The most commonly reported symptoms during colonoscopy for CRC patients included gastrointestinal bleeding, abdominal pain, weight loss, anemia, and constipation. Our research did not reveal statistical differences when comparing patients above 50 with younger patients. Nonetheless, certain symptoms and signs such as constipation (45.45% vs. 32.21%), abdominal pain (66.23% vs. 58.33%), rectal pain (28.57% vs. 19.57%), anemia (61.04% vs. 54.05%), stool narrowing (22.08% vs. 14.19%), and palpable abdominal mass (12.99% vs. 8.78%) were more frequently reported in EOCRC patients. There is a vital need to enhance awareness about EOCRC, as young CRC patients often lack knowledge about the disease, attributing their symptoms to benign conditions25. Health professionals are also more inclined to postpone diagnostic testing, such as fecal occult blood tests or colonoscopies, in younger individuals26.

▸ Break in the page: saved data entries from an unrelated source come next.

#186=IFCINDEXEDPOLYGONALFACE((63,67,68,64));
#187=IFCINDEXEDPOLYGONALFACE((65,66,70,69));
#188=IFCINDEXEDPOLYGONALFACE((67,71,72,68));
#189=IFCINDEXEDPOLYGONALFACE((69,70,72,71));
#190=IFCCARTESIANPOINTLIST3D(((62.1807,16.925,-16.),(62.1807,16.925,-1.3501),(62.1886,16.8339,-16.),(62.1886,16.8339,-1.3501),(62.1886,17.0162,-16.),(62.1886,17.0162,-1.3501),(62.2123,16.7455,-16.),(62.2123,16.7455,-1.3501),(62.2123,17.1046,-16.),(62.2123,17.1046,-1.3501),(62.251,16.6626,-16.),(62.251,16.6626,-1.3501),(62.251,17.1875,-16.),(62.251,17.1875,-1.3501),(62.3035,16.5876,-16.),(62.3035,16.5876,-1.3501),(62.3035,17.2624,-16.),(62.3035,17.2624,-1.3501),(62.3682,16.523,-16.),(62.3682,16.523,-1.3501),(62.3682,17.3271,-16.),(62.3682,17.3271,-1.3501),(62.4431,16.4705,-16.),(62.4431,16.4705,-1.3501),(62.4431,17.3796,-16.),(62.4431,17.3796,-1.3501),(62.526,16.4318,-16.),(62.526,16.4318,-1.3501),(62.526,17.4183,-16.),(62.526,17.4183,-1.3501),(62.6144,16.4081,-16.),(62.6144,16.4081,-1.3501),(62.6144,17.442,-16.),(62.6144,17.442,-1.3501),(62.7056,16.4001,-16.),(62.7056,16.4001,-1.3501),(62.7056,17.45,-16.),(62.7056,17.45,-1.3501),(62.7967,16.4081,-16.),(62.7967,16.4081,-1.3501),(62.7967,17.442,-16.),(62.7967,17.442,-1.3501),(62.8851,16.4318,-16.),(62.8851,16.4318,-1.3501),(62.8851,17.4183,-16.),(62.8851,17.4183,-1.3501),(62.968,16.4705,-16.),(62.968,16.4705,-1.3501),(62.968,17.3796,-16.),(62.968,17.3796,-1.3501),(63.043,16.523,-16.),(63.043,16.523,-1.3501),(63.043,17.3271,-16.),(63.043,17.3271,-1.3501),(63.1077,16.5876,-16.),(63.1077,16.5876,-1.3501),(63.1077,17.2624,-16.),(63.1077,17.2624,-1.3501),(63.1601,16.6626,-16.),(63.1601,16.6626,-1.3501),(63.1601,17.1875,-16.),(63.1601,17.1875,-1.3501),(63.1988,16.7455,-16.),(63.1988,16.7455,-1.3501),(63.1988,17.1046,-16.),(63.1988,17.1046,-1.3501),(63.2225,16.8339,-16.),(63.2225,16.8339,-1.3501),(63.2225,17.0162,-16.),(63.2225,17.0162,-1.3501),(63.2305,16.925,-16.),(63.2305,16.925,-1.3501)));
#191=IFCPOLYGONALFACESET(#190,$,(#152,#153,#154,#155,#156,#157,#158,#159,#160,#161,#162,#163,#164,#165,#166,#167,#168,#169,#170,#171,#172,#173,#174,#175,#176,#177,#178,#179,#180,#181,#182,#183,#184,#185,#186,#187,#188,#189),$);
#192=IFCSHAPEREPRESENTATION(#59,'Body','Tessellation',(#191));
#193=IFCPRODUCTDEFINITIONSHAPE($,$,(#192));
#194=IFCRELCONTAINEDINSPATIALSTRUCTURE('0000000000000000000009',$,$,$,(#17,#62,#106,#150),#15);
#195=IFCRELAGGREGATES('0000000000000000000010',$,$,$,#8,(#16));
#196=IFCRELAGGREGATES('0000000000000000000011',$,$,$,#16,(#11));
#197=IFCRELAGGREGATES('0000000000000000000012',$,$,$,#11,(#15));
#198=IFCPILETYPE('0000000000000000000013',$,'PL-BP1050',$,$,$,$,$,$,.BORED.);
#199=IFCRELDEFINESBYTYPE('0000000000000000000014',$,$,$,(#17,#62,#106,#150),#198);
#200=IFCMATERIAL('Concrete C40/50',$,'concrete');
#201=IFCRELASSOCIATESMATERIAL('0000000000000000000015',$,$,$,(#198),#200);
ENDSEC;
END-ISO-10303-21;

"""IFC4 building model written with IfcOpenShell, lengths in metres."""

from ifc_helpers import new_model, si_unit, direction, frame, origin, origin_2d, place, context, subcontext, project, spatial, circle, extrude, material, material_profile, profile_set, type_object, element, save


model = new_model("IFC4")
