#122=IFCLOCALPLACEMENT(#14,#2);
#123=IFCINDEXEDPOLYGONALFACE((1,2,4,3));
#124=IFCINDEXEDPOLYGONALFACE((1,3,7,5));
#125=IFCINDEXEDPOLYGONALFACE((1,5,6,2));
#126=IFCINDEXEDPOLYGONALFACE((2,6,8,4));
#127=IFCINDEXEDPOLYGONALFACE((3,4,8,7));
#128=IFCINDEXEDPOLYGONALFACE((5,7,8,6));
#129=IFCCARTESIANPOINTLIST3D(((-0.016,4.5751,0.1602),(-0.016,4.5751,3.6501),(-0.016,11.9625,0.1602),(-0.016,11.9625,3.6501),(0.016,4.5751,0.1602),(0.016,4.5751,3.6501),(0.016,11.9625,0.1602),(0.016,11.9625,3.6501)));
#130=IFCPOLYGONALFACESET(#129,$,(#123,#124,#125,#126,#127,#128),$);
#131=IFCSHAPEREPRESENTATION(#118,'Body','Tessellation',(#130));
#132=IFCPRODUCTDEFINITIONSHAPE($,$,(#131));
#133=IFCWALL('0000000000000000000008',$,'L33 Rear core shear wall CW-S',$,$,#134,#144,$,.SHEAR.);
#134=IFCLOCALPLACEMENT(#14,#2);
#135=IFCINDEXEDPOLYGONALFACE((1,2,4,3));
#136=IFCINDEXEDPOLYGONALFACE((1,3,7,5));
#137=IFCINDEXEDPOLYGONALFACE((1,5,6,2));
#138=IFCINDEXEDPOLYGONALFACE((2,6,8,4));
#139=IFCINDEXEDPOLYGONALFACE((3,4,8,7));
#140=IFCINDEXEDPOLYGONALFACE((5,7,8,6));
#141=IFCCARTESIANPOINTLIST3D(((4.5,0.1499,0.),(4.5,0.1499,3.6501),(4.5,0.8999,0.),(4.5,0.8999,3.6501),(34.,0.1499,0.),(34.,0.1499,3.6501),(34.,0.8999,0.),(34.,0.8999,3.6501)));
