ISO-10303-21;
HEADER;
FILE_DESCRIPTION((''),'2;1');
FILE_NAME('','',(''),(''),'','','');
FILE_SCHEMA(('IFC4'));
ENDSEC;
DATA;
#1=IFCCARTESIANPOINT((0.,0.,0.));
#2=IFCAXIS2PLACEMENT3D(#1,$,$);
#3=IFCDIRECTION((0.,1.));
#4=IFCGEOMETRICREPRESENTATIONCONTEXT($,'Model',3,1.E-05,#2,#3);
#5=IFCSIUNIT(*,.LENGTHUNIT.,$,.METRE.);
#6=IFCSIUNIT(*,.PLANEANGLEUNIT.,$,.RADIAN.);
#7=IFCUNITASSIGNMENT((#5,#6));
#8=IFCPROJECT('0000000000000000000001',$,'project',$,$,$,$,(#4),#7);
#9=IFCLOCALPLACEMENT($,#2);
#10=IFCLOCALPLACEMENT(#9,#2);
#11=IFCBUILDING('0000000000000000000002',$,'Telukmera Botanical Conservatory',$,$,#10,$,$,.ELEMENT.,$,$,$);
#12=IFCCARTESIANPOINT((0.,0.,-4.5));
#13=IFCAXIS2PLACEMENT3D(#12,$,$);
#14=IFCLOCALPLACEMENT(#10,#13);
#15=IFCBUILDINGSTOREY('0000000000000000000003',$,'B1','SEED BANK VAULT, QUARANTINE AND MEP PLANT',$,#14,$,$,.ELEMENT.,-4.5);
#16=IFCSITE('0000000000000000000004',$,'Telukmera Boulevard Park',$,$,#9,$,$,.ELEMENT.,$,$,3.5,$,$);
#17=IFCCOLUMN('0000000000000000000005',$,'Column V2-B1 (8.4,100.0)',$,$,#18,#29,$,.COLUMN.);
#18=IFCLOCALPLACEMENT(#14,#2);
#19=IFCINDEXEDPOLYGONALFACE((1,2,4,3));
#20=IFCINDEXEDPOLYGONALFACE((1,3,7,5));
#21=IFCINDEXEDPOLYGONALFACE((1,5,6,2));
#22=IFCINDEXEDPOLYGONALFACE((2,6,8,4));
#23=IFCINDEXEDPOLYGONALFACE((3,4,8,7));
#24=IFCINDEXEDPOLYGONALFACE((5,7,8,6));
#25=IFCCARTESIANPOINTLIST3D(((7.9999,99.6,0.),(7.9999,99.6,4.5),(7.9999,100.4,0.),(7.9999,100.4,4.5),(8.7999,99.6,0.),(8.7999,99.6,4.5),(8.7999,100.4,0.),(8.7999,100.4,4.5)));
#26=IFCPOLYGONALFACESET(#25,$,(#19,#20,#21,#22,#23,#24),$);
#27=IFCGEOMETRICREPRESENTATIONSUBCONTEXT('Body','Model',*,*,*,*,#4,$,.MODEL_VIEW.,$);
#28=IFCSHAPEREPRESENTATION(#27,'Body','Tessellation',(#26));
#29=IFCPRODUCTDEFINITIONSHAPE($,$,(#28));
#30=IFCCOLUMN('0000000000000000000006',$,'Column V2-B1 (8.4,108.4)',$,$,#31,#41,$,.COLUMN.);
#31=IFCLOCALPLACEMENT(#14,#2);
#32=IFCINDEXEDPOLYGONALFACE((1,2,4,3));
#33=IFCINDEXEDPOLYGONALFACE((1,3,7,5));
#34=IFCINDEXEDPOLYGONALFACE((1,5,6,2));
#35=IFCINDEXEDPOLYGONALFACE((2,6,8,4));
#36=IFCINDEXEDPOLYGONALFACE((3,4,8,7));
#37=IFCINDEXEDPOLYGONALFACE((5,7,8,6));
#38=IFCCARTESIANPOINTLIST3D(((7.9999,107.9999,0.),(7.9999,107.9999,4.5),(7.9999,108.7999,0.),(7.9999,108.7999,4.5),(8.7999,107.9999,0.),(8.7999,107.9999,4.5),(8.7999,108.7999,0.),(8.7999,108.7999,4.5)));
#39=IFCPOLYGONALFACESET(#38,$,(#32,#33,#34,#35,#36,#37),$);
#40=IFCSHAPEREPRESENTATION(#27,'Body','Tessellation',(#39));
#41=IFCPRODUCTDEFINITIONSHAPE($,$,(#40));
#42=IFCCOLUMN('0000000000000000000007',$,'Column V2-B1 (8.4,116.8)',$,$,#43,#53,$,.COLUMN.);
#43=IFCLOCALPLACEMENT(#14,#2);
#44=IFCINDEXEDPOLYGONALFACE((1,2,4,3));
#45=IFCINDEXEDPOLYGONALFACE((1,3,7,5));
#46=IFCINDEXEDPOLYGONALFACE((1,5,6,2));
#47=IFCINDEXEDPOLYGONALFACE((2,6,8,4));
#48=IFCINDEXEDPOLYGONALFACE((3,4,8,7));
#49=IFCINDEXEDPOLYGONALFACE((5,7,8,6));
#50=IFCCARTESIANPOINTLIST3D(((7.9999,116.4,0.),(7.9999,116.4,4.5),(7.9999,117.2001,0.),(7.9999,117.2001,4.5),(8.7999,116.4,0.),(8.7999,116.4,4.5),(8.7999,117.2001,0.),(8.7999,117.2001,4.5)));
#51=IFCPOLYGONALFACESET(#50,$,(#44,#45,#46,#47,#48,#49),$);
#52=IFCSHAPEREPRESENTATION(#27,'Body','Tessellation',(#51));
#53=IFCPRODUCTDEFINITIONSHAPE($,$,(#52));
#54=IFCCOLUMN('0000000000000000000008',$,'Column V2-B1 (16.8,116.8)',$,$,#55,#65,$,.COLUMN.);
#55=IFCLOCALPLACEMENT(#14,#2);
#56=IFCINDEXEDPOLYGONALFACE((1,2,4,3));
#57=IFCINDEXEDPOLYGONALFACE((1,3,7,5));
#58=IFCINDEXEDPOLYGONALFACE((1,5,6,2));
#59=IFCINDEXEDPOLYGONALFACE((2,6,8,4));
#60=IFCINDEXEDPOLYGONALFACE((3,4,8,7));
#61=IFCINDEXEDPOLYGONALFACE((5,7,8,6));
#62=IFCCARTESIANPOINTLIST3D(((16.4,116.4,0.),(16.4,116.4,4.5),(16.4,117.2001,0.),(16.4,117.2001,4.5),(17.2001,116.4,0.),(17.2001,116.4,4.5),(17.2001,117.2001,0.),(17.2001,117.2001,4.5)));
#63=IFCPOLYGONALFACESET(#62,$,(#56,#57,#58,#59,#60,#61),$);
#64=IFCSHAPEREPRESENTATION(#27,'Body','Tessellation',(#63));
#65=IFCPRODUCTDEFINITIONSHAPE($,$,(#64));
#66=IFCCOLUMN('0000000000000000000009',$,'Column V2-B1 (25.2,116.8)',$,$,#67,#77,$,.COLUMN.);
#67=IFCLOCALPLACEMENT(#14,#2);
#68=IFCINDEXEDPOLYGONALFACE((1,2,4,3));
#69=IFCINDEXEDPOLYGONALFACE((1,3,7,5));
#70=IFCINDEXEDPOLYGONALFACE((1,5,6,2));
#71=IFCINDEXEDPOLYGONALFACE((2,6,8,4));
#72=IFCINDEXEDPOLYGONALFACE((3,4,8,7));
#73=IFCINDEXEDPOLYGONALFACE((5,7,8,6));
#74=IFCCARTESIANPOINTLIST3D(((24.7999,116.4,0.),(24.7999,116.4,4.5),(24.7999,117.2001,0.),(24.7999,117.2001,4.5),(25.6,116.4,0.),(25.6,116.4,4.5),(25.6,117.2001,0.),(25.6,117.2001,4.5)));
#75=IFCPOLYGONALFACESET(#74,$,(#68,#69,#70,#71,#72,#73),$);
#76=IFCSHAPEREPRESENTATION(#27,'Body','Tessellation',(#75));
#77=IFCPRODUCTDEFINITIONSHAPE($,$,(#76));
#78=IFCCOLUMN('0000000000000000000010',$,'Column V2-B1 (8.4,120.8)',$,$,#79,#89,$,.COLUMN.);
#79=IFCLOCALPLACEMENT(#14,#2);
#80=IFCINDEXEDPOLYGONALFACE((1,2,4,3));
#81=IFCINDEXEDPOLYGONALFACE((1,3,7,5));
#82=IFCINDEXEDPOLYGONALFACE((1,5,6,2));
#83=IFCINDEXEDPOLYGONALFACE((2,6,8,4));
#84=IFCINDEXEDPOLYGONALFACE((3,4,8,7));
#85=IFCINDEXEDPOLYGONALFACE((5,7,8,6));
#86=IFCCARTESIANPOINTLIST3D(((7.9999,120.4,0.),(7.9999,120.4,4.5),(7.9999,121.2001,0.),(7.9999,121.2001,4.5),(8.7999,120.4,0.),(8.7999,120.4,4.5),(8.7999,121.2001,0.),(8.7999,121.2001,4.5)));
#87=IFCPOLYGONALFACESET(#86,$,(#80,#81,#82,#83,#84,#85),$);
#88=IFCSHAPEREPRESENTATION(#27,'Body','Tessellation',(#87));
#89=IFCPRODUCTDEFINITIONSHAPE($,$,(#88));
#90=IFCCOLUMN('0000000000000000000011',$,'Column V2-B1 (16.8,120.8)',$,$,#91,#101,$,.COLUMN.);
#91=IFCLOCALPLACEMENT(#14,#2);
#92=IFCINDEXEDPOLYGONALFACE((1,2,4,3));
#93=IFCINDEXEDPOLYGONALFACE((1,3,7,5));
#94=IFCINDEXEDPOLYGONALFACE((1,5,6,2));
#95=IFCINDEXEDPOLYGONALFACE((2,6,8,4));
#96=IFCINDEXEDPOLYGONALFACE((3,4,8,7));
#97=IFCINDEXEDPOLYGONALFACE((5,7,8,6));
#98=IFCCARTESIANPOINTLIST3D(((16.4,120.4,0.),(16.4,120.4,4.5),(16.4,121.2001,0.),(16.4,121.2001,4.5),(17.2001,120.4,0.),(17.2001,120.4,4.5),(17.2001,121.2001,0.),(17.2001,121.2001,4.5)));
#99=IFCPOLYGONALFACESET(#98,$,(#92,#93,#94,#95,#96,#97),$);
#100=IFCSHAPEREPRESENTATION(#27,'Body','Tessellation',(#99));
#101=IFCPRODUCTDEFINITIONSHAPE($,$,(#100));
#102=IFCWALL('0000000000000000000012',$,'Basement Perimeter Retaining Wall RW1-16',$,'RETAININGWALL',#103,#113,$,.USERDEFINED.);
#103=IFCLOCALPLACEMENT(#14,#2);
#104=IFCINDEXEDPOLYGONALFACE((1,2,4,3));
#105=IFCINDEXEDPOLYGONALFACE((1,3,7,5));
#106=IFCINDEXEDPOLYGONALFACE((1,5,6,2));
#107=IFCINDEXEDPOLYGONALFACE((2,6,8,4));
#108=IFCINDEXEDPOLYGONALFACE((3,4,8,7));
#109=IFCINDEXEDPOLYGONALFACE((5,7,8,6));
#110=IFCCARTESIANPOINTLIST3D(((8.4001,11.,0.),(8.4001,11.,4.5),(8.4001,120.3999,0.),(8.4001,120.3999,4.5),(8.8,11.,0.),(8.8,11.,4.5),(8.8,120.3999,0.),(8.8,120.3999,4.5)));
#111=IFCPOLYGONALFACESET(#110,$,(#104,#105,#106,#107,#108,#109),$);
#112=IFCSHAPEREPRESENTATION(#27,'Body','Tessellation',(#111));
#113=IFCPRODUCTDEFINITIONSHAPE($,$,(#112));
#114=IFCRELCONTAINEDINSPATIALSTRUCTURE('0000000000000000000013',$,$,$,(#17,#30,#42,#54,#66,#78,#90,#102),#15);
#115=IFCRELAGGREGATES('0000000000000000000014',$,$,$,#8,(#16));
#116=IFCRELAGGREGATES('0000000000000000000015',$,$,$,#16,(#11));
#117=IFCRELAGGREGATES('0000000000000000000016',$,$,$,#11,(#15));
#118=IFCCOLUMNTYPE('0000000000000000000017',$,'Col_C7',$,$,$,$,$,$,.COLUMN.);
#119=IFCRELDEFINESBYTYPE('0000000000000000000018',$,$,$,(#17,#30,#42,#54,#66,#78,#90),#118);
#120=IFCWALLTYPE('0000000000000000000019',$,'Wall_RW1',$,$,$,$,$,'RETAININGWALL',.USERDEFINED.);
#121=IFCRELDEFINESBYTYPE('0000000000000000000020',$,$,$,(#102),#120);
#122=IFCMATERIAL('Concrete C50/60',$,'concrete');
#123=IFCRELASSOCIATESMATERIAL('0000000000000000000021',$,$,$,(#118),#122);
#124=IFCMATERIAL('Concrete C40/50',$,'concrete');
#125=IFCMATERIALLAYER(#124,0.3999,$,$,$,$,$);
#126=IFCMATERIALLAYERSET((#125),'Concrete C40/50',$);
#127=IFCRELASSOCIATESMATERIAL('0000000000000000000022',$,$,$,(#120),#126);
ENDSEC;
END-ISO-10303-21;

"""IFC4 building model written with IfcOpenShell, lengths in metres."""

from ifc_helpers import new_model, si_unit, direction, frame, frame_2d, origin, origin_2d, place, context, subcontext, project, spatial, rectangle, extrude, material, layer, layer_set, material_profile, profile_set, type_object, element, save


model = new_model("IFC4")

# Units and contexts
model_context = context("Model", 3, precision=1e-05, world=origin(), true_north=direction((0.0, 1.0)))
body_context = subcontext(model_context, "Body", "Model", "MODEL_VIEW")
ifc_project = project(units=[si_unit("LENGTHUNIT", "METRE"), si_unit("PLANEANGLEUNIT", "RADIAN")], contexts=[model_context])

# Site, building, storey
site_placement = place(None, origin())
site = spatial("IfcSite", under=ifc_project, at=site_placement, Name="Telukmera Boulevard Park", CompositionType="ELEMENT", RefElevation=3.5)
building_placement = place(site_placement, origin())
building = spatial("IfcBuilding", under=site, at=building_placement, Name="Telukmera Botanical Conservatory", CompositionType="ELEMENT")
storey_placement = place(building_placement, frame((0.0, 0.0, -4.5)))
storey = spatial("IfcBuildingStorey", under=building, at=storey_placement, Name="B1", Description="SEED BANK VAULT, QUARANTINE AND MEP PLANT", CompositionType="ELEMENT", Elevation=-4.5)

# Shared definitions
ifc_material_1 = material(Name="Concrete C50/60", Category="concrete")
ifc_material_2 = material(Name="Concrete C40/50", Category="concrete")

# Columns
ifc_material_profile_1 = material_profile(ifc_material_1, rectangle(XDim=0.8, YDim=0.8, at=origin_2d()), Name="RC 800x800")
ifc_profile_set_1 = profile_set([ifc_material_profile_1], Name="Concrete C50/60")
column_type = type_object("IfcColumnType", Name="Col_C7", PredefinedType="COLUMN", material=ifc_profile_set_1)
for number, where, z_axis, x_axis, name in (
    (1, (8.3999, 100.0, 0.0), (0.0, 0.0, 1.0), (1.0, 0.0, 0.0), "Column V2-B1 (8.4,100.0)"),
    (2, (8.3999, 108.3999, 0.0), (0.0, 0.0, 1.0), (1.0, 0.0, 0.0), "Column V2-B1 (8.4,108.4)"),
    (3, (8.3999, 116.8, 0.0), (0.0, 0.0, 1.0), (1.0, 0.0, 0.0), "Column V2-B1 (8.4,116.8)"),
    (4, (16.8, 116.8, 0.0), (0.0, 0.0, 1.0), (1.0, 0.0, 0.0), "Column V2-B1 (16.8,116.8)"),
    (5, (25.2, 116.8, 0.0), (0.0, 0.0, 1.0), (1.0, 0.0, 0.0), "Column V2-B1 (25.2,116.8)"),
    (6, (8.3999, 120.8, 0.0), (0.0, 0.0, 1.0), (1.0, 0.0, 0.0), "Column V2-B1 (8.4,120.8)"),
    (7, (16.8, 120.8, 0.0), (0.0, 0.0, 1.0), (1.0, 0.0, 0.0), "Column V2-B1 (16.8,120.8)"),
):
    element("IfcColumn", number, at=place(storey_placement, frame(where, z_axis=z_axis, x_axis=x_axis)), inside=storey, type_object=column_type, Name=name, PredefinedType="COLUMN", context=body_context, shape_type="SweptSolid", body=[
        extrude(rectangle(XDim=0.8, YDim=0.8, at=origin_2d()), origin(), (0.0, 0.0, 1.0), 4.5),
    ])

# Wall
ifc_layer = layer(ifc_material_2, 0.3999)
ifc_layer_set = layer_set([ifc_layer], Name="Concrete C40/50")
wall_type = type_object("IfcWallType", Name="Wall_RW1", ElementType="RETAININGWALL", PredefinedType="USERDEFINED", material=ifc_layer_set)
wall_placement = place(storey_placement, frame((8.6001, 120.3999, 0.0), z_axis=(0.0, 0.0, 1.0), x_axis=(0.0, -1.0, 0.0)))
element("IfcWall", 8, at=wall_placement, inside=storey, type_object=wall_type, Name="Basement Perimeter Retaining Wall RW1-16", ObjectType="RETAININGWALL", PredefinedType="USERDEFINED", context=body_context, shape_type="SweptSolid", body=[
    extrude(rectangle(XDim=109.3999, YDim=0.3999, at=frame_2d((54.7, 0.0))), origin(), (0.0, 0.0, 1.0), 4.5),
])

save(model, "model.ifc")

Evidence suggests distinct pathophysiology and tumor behavior in EOCRC compared with CRC in patients over 5027. EOCRC often shows a preference for the distal colon, especially the sigmoid colon and rectum9,20. In the study conducted by Holowatyj and colleagues28, cases of EOCRC were stratified into distinct subgroups according to age ranges (15-19, 20-24, 25-29, 30-34, and 35-39 years). The findings elucidated a predominance of left-sided tumors within the 15-19 age cohort, accompanied by a gradual and consistent decline in the prevalence of right-sided tumors among patients aged 20-39 years. Our findings concur with the previous literature, indicating the rectum (31.17%) and sigmoid colon (28.57%) as prevalent sites in younger patients; however, there was no statistical difference when EOCRC cases were compared with patients older than 50. Additionally, no differences were seen in the prevalence ratio when comparing tumor staging by diagnosis age, although it has been suggested that malignancies in young adults may present different biology, are often diagnosed at more advanced stages, and have a poorer prognosis29-31.
In individuals under 50 diagnosed with CRC, there was a notably higher incidence of mucinous adenocarcinoma (27.27%) and signet ring cell adenocarcinoma (20.78%) (p < 0.001), and these were more likely to be poorly differentiated (16%) compared to their older counterparts (6.09%) (p < 0.01). These histopathological patterns align with prior studies indicating that EOCRC tends to show more adverse histological features, including perineural venous invasion, signet ring cell histology, and positive surgical margins27,28,32.
The study faced limitations in its conduct and analysis. The array of variables, particularly comorbidities, was limited. Due to its cross-sectional design, the study cannot provide conclusions with substantial statistical weight regarding factor associations. Also, confirmatory diagnostic molecular analyses were not performed for genetic syndromes associated with CRC, suggesting the need for further longitudinal studies with larger sample sizes and stronger levels of evidence and degrees of recommendation.
Conclusions
This investigation offers an insight into the characteristics of EOCRC within a Latin American cohort, uncovering data on sociodemographic, clinical, endoscopic, and histological variables. Given the increasing prevalence of EOCRC, a shift in the management of this cancer type is imperative. Heightened awareness and the introduction of prevention, control, and early detection strategies are crucial areas to be addressed in the upcoming years worldwide.